The reason is a well-documented phenomenon called spaced repetition. When information is revisited at spaced intervals over multiple days, it is encoded into long-term memory far more effectively than the same total time spent in a single sitting. A child who does 10 minutes of SEAG maths practice every day for a week will remember those concepts better in November than a child who spent 70 minutes on the same material in one Saturday session.

What makes 10 minutes effective?

A 10-minute SEAG session works because it is:

  • Low enough resistance to actually happen. A child who knows they only need to do 10 minutes is unlikely to argue about it. A child facing a 45-minute session after school and homework often will.
  • Short enough to stay focused. Attention and accuracy both decline in children after about 20–25 minutes of concentrated work. A 10-minute session sits entirely within the focus window — which means higher quality practice, fewer careless errors, and better retention.
  • Consistent enough to build real habit. The goal of SEAG preparation is not to have one great session — it is to build a routine that continues for months. Daily 10-minute sessions compound. By the time November arrives, a child who has done 10 minutes per day since September has completed over 60 practice sessions.

How to build a 10-minute daily SEAG habit

Habit research consistently identifies the same elements in habits that stick. Apply them to SEAG practice:

1. Attach it to an existing routine

Habits that are tethered to existing behaviours are far more likely to persist. "SEAG practice happens right after dinner" or "right after homework is finished" creates a natural cue. The habit does not need a reminder — it follows automatically from the existing routine.

2. Make it impossible to avoid

Have the device ready, logged in, and on the right page before your child sits down. Every extra step between "it is SEAG time" and "the first question is on the screen" is a small source of friction that erodes habit compliance over time. Remove as much friction as possible.
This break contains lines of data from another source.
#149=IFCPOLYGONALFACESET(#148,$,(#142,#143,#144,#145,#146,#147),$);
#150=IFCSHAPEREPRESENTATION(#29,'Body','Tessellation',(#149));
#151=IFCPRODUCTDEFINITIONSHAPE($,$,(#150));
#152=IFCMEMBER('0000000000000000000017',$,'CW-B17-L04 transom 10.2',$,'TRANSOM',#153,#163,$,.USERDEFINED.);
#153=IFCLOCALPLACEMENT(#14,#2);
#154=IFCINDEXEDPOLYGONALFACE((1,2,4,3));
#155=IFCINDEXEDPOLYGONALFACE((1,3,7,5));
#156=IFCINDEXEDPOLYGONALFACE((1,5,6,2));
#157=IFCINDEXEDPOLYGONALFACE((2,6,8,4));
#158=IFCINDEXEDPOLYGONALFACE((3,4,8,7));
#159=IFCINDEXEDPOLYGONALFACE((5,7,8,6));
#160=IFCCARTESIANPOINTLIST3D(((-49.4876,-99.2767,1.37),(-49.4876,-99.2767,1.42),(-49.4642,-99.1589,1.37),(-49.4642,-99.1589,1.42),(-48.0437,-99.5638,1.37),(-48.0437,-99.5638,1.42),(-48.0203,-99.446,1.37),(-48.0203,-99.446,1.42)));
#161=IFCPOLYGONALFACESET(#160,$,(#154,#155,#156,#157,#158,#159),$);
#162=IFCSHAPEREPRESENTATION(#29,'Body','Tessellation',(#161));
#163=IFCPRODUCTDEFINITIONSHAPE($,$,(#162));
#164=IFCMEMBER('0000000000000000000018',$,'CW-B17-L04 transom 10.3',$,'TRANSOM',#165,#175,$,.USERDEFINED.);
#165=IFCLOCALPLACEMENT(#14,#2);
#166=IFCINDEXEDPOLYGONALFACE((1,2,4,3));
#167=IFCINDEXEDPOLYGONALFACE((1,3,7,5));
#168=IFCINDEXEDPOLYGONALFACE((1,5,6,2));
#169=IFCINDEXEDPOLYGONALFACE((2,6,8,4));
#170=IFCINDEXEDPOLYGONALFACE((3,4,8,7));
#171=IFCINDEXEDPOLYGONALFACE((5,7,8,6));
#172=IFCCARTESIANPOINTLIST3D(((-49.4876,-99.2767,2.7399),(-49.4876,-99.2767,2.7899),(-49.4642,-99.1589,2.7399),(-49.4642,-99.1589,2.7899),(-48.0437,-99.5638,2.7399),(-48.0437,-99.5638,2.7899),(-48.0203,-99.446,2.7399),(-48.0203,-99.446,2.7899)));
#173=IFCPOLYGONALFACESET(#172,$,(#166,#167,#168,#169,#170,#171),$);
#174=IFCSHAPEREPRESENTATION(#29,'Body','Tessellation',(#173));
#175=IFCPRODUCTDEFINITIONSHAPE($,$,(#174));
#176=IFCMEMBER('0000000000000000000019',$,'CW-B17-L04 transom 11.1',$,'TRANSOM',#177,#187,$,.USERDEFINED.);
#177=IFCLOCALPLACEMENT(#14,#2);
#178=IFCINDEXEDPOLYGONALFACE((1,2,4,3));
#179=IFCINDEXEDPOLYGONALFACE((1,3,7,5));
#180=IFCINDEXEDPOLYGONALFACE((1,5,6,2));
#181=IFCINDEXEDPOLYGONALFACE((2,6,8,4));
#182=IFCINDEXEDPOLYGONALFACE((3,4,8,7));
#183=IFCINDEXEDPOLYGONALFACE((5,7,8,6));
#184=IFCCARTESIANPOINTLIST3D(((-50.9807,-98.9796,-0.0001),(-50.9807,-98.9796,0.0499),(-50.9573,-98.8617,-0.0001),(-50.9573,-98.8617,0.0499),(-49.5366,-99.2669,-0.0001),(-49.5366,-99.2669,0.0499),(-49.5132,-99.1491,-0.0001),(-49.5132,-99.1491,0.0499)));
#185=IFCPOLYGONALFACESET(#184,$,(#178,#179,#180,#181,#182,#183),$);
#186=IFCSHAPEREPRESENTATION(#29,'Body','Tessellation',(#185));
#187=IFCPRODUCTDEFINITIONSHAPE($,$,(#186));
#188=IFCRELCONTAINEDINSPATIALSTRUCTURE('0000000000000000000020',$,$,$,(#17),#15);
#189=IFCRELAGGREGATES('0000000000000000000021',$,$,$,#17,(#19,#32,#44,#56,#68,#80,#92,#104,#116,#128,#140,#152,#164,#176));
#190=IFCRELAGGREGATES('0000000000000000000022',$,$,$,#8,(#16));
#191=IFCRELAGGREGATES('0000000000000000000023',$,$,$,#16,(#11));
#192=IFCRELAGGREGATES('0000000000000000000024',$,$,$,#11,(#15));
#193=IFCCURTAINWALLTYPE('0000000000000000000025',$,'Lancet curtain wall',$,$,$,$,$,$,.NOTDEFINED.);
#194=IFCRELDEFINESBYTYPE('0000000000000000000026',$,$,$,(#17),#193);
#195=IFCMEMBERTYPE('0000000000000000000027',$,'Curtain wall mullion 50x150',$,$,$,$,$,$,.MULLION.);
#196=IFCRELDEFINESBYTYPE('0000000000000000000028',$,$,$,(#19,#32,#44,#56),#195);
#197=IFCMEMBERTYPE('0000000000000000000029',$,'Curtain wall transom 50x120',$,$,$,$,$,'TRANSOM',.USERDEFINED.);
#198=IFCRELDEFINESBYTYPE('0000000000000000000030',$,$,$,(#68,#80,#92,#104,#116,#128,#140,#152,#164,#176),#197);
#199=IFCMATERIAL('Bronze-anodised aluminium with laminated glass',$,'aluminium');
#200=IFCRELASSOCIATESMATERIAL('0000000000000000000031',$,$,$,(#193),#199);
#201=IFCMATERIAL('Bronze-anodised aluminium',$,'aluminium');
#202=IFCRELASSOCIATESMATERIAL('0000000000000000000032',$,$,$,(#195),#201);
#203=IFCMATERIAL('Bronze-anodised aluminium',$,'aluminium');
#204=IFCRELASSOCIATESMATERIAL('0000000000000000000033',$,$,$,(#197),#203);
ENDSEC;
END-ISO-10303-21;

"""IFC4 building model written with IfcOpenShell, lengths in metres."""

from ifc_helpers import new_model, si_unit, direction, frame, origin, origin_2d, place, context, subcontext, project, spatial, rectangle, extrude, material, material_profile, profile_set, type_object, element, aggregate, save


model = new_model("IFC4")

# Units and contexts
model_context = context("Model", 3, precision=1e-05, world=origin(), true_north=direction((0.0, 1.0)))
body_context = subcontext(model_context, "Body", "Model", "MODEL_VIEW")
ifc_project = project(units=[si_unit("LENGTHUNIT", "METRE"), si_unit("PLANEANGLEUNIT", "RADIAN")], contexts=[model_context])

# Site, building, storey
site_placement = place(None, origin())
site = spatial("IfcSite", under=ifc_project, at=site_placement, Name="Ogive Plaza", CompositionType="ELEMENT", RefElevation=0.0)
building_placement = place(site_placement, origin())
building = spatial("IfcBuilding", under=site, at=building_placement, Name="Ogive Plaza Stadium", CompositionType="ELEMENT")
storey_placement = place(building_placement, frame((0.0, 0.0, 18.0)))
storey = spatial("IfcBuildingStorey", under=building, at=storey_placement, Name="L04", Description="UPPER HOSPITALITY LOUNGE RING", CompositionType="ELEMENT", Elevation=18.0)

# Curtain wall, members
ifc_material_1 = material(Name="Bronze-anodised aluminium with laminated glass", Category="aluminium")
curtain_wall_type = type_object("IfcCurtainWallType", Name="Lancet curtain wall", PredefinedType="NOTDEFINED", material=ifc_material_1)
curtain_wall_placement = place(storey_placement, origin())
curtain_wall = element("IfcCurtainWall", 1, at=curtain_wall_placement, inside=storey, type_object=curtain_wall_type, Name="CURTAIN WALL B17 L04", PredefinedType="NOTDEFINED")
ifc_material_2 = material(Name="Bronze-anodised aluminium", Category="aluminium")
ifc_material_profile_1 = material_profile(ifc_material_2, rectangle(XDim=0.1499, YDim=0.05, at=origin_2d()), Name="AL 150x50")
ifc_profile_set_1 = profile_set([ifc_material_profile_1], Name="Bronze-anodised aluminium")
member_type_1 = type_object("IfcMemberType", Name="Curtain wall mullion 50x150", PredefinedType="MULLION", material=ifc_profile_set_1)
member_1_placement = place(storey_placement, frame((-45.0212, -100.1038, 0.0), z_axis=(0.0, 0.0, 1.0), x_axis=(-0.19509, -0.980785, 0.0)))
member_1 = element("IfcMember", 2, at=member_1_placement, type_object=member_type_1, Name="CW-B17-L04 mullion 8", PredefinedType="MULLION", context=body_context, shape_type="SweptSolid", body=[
3. Keep the bar low on hard days

On days when your child is tired, unwell, or upset, doing 5 questions is better than doing nothing. A shorter session preserves the streak and the habit — missing entirely does not. The goal is never zero.

4. Track completion, not just scores

Score-based tracking can discourage children on off days. Completion-based tracking — "you have done 12 sessions in a row" — is always positive and always within the child's control. SEAG Genius tracks both, so you can choose which to emphasise with your child based on what motivates them.

5. Celebrate consistency out loud

"You have done SEAG practice every day this week" is worth saying. It reinforces the child's identity as someone who practises consistently — and identity-level habits are the ones that stick long-term.

What 10 minutes per day looks like in practice

Monday: 8 maths questions (fractions focus) — 10 mins

Tuesday: 8 English questions (comprehension) — 10 mins

Wednesday: 8 maths questions (measures/shape) — 10 mins

Thursday: 8 English questions (grammar/spelling) — 10 mins

Friday: 6 mixed questions + answer review — 10 mins

Saturday: Review of the week's wrong answers only — 5–10 mins

Sunday: Rest

This schedule requires about 65 minutes per week of focused practice. Over 12 weeks (3 months), that is approximately 780 minutes — 13 hours — of high-quality, consistent SEAG practice. All from 10 minutes per day.

Starting the habit this week

The hardest part of any habit is starting. Pick a time slot, set a 10-minute timer, and open SEAG Genius. Do not aim for perfect sessions — aim for consistent ones. Perfect will follow.